Cultural Impact and Criticism

Fanon influences mainstream culture by shaping audience expectations for franchises including Marvel Comics, DC Comics, Nintendo, and Square Enix. Critics argue fanon can ossify stereotypes, distort authorial intent associated with writers like J.K. Rowling, George R.R. Martin, and J.R.R. Tolkien, or marginalize alternate readings found in scholarship from Oxford University Press and MIT Press. Defenders highlight fanon’s role in enabling marginalized communities—LGBTQ+ fans of RuPaul and Ellen DeGeneres—to assert representation, and its importance for participatory culture theorized by scholars at University of California, Berkeley and New York University.
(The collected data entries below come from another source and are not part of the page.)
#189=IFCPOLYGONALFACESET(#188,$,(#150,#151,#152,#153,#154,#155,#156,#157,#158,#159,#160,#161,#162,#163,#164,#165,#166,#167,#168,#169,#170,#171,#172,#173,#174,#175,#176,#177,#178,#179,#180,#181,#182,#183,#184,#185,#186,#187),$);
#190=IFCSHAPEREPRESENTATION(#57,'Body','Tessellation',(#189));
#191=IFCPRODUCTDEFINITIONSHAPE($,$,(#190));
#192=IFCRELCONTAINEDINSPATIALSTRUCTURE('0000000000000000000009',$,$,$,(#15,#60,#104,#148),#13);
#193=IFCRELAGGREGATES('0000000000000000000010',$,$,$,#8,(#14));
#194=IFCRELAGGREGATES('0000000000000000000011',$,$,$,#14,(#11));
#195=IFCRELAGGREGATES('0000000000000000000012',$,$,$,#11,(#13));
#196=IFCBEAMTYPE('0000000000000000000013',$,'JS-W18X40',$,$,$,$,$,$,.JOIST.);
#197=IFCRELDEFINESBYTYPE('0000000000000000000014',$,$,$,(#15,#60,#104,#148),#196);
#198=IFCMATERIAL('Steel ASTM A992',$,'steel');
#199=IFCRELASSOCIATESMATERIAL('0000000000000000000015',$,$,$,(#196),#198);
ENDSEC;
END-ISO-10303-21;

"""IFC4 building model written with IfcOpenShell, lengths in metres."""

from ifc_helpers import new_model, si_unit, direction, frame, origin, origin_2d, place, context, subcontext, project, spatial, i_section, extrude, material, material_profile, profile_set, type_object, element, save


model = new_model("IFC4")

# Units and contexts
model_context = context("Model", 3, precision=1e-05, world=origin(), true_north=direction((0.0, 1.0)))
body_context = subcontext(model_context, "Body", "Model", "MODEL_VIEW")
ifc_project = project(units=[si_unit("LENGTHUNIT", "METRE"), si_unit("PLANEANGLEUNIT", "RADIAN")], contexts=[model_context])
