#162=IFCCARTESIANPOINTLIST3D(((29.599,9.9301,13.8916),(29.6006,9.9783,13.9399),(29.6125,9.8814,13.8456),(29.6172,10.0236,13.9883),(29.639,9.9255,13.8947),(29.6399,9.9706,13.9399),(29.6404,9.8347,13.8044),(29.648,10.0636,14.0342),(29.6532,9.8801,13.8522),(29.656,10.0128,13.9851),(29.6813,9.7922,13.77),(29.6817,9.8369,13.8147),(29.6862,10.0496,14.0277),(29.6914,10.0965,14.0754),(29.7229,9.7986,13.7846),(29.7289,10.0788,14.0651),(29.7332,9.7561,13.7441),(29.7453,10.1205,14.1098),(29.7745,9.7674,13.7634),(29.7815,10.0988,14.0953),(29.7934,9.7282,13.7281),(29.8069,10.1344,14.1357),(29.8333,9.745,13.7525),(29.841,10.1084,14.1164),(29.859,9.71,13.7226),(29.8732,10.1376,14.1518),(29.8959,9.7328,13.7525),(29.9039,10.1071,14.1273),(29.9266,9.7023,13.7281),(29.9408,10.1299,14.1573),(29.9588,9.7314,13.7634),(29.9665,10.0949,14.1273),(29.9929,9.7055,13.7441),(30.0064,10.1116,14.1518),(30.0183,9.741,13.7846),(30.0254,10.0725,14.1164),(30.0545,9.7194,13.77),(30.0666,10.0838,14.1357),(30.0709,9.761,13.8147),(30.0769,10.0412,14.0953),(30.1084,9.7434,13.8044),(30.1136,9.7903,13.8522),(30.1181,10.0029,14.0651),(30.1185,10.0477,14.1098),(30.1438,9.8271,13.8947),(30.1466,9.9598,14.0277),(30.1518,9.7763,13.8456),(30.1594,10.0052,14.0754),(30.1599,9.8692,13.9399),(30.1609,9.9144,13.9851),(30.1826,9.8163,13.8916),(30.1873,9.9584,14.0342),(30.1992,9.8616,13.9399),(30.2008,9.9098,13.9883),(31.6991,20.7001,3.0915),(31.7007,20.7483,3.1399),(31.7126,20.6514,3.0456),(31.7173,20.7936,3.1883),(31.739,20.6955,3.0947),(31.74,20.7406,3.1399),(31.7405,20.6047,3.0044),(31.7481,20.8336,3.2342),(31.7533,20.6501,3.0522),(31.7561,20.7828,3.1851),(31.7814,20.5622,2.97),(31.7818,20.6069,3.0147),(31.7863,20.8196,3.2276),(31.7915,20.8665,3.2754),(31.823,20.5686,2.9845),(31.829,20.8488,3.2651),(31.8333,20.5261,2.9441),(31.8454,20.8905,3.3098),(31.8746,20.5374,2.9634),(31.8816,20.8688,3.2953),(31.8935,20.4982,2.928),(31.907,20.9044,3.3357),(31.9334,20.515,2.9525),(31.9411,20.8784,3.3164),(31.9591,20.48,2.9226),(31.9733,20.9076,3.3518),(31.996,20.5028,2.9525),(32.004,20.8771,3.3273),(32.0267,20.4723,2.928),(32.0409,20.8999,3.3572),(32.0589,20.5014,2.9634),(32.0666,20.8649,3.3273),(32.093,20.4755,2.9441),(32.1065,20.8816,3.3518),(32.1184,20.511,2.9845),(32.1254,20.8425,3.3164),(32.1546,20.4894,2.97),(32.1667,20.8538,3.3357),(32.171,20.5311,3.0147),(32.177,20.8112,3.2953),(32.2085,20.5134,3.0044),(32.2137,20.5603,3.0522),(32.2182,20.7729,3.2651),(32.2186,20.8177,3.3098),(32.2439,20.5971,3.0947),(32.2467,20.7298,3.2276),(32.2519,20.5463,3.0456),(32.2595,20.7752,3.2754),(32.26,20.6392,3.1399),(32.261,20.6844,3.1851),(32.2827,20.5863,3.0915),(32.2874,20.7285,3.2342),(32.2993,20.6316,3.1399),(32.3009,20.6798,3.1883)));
Notable Examples and Case Studies

Prominent fanon cases include the proliferation of ship dynamics in Harry Potter fandom, headcanon around Sherlock characters, and persistent recharacterizations in Supernatural fanworks. Communities around Star Wars generated fanon taxa that circulated in fanzines and later influenced Lucasfilm merchandise. Other case studies examine fanon in interactive media such as The Legend of Zelda, Final Fantasy, and Undertale; fan-led reinterpretations of Doctor Who episodes; and transformative works in Anime fandoms (e.g., Naruto, One Piece, Sailor Moon). Academic and fan archives from institutions like The British Library and Library of Congress document how fanon shapes cultural memory.